Question

a) According to the U.S. National Weather Service, at any given moment of any day, approximately 1000 thunderstorms are occurring worldwide. Many of these storms include lightning strikes. Sensitive electronic equipment is used to record the number of lightning strikes worldwide every day. 19 days were selected at random, and the number of lightning strikes on each day was recorded. The sample mean was 9.3 million. Assume the distribution of the number of lightning strikes per day is normal and has a population standard deviation of 0.51 million. Please use 4 decimal places for all critical values.

b) Should you use a z distribution or a t distribution in this problem?

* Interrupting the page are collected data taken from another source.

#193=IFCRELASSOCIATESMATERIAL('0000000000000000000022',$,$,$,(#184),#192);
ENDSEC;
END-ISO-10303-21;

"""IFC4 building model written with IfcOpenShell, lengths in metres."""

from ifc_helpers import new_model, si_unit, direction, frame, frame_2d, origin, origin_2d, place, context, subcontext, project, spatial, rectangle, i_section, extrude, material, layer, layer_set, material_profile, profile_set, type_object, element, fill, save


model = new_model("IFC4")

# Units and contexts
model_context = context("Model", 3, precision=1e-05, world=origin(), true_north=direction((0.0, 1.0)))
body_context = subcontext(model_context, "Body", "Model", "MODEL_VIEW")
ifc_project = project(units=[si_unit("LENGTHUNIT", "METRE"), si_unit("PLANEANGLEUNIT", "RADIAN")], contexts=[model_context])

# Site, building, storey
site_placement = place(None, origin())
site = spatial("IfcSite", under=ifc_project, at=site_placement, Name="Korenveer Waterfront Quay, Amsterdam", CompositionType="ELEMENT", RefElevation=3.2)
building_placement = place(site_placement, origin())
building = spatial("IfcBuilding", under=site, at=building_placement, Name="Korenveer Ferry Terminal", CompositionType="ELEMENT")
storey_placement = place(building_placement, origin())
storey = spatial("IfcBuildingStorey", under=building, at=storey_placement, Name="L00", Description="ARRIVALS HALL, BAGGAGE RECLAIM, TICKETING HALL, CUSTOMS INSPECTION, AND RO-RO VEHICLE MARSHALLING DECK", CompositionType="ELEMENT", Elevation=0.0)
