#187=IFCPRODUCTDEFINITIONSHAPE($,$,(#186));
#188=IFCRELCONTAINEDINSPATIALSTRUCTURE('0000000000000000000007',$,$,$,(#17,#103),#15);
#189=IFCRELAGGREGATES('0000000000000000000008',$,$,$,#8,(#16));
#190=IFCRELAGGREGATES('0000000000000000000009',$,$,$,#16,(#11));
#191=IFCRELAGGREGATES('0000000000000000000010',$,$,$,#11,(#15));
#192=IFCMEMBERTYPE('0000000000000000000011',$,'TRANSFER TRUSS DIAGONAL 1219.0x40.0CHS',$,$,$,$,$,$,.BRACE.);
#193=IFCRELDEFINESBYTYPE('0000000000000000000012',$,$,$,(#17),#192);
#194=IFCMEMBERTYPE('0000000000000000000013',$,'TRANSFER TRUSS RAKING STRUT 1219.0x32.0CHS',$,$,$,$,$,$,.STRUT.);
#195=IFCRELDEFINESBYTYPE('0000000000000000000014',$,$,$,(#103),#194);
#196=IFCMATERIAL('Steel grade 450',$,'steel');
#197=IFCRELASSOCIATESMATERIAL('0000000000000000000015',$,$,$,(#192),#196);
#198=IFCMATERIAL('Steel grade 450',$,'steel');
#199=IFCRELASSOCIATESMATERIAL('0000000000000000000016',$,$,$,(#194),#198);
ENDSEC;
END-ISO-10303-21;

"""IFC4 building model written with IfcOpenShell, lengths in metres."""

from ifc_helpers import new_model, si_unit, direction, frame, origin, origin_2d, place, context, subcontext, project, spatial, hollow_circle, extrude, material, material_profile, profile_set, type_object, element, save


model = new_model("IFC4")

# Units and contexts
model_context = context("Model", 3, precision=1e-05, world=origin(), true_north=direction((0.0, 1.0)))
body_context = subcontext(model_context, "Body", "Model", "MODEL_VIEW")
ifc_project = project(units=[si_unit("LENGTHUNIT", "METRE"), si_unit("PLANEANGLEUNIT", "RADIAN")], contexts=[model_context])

Note that you will only get one try to get this question correct.

c) Please explain the correct answer.

d) Find the 95.6% confidence interval for the true mean number of lightning strikes per day.

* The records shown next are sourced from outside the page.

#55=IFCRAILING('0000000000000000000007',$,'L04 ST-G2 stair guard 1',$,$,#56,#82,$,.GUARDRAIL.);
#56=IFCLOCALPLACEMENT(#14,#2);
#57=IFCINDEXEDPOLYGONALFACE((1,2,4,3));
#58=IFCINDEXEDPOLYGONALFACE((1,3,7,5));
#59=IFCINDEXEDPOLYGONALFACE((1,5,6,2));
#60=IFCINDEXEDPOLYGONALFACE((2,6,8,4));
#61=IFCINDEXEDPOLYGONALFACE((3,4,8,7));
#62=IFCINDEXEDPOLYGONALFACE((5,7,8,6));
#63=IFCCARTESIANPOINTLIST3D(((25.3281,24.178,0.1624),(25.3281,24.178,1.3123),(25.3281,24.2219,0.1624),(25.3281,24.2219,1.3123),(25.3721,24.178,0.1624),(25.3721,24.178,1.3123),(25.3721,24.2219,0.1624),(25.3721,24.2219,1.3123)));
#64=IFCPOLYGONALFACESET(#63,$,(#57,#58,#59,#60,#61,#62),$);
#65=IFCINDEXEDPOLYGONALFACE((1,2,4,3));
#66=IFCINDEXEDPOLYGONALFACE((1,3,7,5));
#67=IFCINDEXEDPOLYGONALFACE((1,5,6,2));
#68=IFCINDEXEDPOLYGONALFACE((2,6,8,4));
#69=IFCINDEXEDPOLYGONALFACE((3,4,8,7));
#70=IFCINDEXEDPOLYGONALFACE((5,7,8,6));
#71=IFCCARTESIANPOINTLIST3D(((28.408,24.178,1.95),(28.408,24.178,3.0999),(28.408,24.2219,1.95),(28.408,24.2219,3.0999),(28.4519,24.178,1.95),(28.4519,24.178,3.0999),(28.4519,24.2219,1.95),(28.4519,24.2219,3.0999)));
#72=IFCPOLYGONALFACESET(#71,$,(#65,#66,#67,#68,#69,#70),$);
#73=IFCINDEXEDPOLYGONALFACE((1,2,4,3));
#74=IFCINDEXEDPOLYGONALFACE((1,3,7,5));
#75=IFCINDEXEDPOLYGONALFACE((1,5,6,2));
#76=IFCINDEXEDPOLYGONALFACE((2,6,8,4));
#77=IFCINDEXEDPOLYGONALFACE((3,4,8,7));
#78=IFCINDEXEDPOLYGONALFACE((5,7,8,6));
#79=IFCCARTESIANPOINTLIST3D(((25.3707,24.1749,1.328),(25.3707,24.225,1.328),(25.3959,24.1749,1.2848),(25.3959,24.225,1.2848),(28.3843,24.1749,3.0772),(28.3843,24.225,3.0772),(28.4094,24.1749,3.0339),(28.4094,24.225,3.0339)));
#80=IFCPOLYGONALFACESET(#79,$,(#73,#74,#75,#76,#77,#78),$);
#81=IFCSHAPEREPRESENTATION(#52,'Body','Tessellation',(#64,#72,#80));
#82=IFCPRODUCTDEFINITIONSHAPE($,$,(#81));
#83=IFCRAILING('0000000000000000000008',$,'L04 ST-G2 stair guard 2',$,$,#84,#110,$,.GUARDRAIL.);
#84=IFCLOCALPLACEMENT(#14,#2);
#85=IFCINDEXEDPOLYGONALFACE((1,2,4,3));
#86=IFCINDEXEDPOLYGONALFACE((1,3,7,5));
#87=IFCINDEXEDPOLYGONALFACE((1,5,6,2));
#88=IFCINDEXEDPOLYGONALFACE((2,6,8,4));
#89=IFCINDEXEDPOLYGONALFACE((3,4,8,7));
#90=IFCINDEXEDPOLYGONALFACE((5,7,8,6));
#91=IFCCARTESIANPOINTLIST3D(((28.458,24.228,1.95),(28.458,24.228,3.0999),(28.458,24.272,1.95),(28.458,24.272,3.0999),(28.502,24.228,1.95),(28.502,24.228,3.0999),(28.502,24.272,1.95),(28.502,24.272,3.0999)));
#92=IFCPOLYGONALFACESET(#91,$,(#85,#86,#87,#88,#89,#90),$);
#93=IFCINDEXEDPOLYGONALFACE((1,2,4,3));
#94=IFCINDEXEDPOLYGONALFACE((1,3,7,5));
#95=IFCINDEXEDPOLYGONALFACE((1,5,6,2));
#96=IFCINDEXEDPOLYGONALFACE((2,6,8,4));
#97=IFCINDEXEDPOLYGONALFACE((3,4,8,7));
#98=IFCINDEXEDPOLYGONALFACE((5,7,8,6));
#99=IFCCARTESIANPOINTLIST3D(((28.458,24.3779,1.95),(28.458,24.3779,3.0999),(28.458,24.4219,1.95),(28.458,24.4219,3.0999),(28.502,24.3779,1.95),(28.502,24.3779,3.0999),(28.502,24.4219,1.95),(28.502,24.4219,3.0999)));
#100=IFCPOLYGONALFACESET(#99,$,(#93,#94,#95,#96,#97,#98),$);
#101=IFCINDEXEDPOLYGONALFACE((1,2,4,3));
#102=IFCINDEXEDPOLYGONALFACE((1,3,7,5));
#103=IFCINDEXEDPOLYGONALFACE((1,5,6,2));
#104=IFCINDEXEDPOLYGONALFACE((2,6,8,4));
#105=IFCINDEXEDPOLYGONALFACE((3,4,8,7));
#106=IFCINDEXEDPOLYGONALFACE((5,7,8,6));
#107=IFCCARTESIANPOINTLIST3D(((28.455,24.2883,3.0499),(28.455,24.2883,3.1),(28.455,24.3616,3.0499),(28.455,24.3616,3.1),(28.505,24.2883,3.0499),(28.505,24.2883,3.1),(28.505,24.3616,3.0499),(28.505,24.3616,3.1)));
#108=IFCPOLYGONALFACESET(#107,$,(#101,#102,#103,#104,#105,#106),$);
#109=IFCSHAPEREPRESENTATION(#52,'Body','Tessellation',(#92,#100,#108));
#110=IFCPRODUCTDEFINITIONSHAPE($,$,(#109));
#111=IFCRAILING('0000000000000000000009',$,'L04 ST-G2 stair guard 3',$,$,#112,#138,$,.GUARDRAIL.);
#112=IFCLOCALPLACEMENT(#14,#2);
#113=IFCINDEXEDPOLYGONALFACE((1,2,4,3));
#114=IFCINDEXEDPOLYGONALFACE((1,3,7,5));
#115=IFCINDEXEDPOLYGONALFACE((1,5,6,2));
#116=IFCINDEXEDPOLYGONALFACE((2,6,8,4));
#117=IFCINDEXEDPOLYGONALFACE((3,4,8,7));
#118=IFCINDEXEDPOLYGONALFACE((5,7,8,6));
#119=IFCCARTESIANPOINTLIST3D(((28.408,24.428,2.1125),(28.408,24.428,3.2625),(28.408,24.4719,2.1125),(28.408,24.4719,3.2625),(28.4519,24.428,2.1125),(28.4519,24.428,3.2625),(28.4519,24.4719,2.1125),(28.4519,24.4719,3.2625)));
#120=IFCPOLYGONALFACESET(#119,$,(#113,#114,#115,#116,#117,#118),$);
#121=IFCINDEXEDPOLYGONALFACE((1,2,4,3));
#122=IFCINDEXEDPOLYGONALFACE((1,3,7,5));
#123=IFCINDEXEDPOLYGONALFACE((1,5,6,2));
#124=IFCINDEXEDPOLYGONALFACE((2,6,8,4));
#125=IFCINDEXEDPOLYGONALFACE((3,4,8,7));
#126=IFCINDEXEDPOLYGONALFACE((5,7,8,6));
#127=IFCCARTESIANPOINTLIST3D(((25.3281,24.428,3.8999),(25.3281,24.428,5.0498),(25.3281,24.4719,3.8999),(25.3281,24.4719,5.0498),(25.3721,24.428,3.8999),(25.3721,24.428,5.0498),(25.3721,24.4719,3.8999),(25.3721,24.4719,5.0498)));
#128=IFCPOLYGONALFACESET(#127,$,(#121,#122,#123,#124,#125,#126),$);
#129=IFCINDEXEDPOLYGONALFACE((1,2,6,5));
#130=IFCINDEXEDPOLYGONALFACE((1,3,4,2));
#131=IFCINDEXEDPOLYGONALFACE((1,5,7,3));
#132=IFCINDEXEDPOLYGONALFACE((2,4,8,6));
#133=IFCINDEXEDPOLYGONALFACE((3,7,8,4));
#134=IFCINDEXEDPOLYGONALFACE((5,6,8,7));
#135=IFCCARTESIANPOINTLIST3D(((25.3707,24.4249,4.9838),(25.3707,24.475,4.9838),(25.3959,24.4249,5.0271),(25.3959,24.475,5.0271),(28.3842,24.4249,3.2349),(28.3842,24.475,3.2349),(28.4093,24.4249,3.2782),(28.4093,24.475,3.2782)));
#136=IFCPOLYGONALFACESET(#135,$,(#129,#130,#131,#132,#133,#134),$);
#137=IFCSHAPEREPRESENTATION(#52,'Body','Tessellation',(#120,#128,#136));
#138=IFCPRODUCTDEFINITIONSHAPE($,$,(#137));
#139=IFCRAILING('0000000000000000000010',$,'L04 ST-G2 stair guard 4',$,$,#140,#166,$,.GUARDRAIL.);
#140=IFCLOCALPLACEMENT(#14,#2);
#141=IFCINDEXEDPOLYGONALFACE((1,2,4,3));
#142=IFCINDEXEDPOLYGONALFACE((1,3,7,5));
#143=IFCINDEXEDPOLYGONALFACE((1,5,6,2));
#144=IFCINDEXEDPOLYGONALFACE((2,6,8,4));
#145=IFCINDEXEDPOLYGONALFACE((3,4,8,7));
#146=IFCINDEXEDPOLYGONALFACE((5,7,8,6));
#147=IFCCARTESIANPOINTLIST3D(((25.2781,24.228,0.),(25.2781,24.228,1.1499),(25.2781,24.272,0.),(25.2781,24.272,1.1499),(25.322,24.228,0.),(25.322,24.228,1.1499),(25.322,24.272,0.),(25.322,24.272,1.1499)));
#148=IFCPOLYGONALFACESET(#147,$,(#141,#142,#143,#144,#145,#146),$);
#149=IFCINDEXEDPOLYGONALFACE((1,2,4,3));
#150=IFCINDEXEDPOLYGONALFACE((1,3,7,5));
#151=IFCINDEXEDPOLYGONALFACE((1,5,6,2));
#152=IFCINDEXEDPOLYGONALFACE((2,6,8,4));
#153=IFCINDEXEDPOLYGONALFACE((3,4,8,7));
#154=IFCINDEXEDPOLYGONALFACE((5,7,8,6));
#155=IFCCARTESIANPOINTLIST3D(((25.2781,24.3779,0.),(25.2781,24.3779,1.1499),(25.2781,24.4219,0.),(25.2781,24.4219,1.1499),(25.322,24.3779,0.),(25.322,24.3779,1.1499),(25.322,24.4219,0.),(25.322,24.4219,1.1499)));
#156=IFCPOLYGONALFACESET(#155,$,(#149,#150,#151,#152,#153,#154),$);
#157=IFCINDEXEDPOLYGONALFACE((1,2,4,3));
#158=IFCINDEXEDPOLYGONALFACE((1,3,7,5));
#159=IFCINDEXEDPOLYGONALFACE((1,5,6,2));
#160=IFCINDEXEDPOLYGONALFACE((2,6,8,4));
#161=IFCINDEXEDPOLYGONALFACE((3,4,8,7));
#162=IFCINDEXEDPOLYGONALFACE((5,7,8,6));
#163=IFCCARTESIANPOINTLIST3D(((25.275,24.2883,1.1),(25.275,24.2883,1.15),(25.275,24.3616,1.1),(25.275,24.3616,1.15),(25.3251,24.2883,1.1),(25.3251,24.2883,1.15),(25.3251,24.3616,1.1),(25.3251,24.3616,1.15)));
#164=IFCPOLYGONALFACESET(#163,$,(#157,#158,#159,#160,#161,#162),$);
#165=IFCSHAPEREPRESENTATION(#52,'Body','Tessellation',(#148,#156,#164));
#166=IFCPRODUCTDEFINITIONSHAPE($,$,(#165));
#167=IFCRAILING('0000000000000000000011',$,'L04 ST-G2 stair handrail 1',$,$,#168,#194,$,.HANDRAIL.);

i) If this would be a z distribution, what would be the critical value? Please use 4 decimal places.

ii) If this would be a t distribution, what would be the critical value? Please use 4 decimal places.

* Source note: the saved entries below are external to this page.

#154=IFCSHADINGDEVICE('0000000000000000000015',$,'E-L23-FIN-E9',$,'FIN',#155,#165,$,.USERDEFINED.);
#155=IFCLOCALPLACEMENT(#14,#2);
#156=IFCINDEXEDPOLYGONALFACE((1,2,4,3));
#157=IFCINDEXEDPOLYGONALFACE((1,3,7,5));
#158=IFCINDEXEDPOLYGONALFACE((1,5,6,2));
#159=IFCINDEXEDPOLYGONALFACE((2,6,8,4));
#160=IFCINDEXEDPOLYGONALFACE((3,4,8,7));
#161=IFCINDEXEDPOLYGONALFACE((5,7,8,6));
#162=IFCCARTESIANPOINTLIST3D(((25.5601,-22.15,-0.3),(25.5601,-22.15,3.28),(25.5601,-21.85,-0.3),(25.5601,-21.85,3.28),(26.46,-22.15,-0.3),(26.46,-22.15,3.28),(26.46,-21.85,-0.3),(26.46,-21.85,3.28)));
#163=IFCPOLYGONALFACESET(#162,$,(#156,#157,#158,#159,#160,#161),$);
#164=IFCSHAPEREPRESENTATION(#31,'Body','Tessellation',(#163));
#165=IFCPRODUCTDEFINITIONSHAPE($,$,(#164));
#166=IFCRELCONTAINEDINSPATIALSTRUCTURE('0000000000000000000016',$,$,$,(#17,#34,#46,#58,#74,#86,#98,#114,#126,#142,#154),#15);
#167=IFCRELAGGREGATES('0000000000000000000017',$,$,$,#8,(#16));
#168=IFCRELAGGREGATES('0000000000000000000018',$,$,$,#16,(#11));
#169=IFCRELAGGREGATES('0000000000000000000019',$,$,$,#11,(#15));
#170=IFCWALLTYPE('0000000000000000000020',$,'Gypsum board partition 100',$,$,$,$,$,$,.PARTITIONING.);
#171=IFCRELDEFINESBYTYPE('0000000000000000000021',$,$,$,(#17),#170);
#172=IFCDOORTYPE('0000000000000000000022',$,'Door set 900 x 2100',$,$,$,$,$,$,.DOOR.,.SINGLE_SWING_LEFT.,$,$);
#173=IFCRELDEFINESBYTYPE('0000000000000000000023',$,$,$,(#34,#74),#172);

iii) If this would be a t distribution, what would be the degrees of freedom?

iv) The 95.6% confidence interval for the true mean number of lightning strikes per day is

e) Interpret your answer from the interval above (part d)

f) Please show all of the code for this part (part d) below.

g) Determine the number of days that need to be sampled to ensure that the half-width of the interval in b) is at most 0.19 million. Assume a confidence level of 95.6% Please use at least 4 decimal places in all numbers used (unless the number is exact). What is the new sample size?

h) Please show all of the code for this part (part g) below

i) In a previous year, the number of measured lightning strikes world wide was 9.11 million. Do you think that the number of lightning strikes has changed from 9.3 million? Please explain your answer

Answer 1

(b) z distribution.

(c). Since we assume that the distribution of the number of lightning strikes per day is normal and has a population standard deviation of 0.51 million so we use z distribution.

d) Find the 95.6% confidence interval for the true mean number of lightning strikes per day.

i) If this would be a z distribution, the critical value=z0.022=2.0141

iv) The 95.6% confidence interval for the true mean number of lightning strikes per day is (9.0643,9.5357).

e) We are 95.6% confident that the true mean number of lightning strikes per day lies in (9.0643,9.5357).

(f)

R code:

cr=round(qnorm(1-0.022),4)# critical value
n=19 #sample size
m=9.3 #sample mean
sigma=0.51 #population sd
LB=round(m-cr*sigma/sqrt(n),4)# lower limit of CI
UB=round(m+cr*sigma/sqrt(n),4)#upper limit of CI
LB
UB

(g)

(i) Since 9.11 million lies in 95.6% confidence interval: (9.0643,9.5357) so we do not think that the number of lightning strikes has changed from 9.3 million.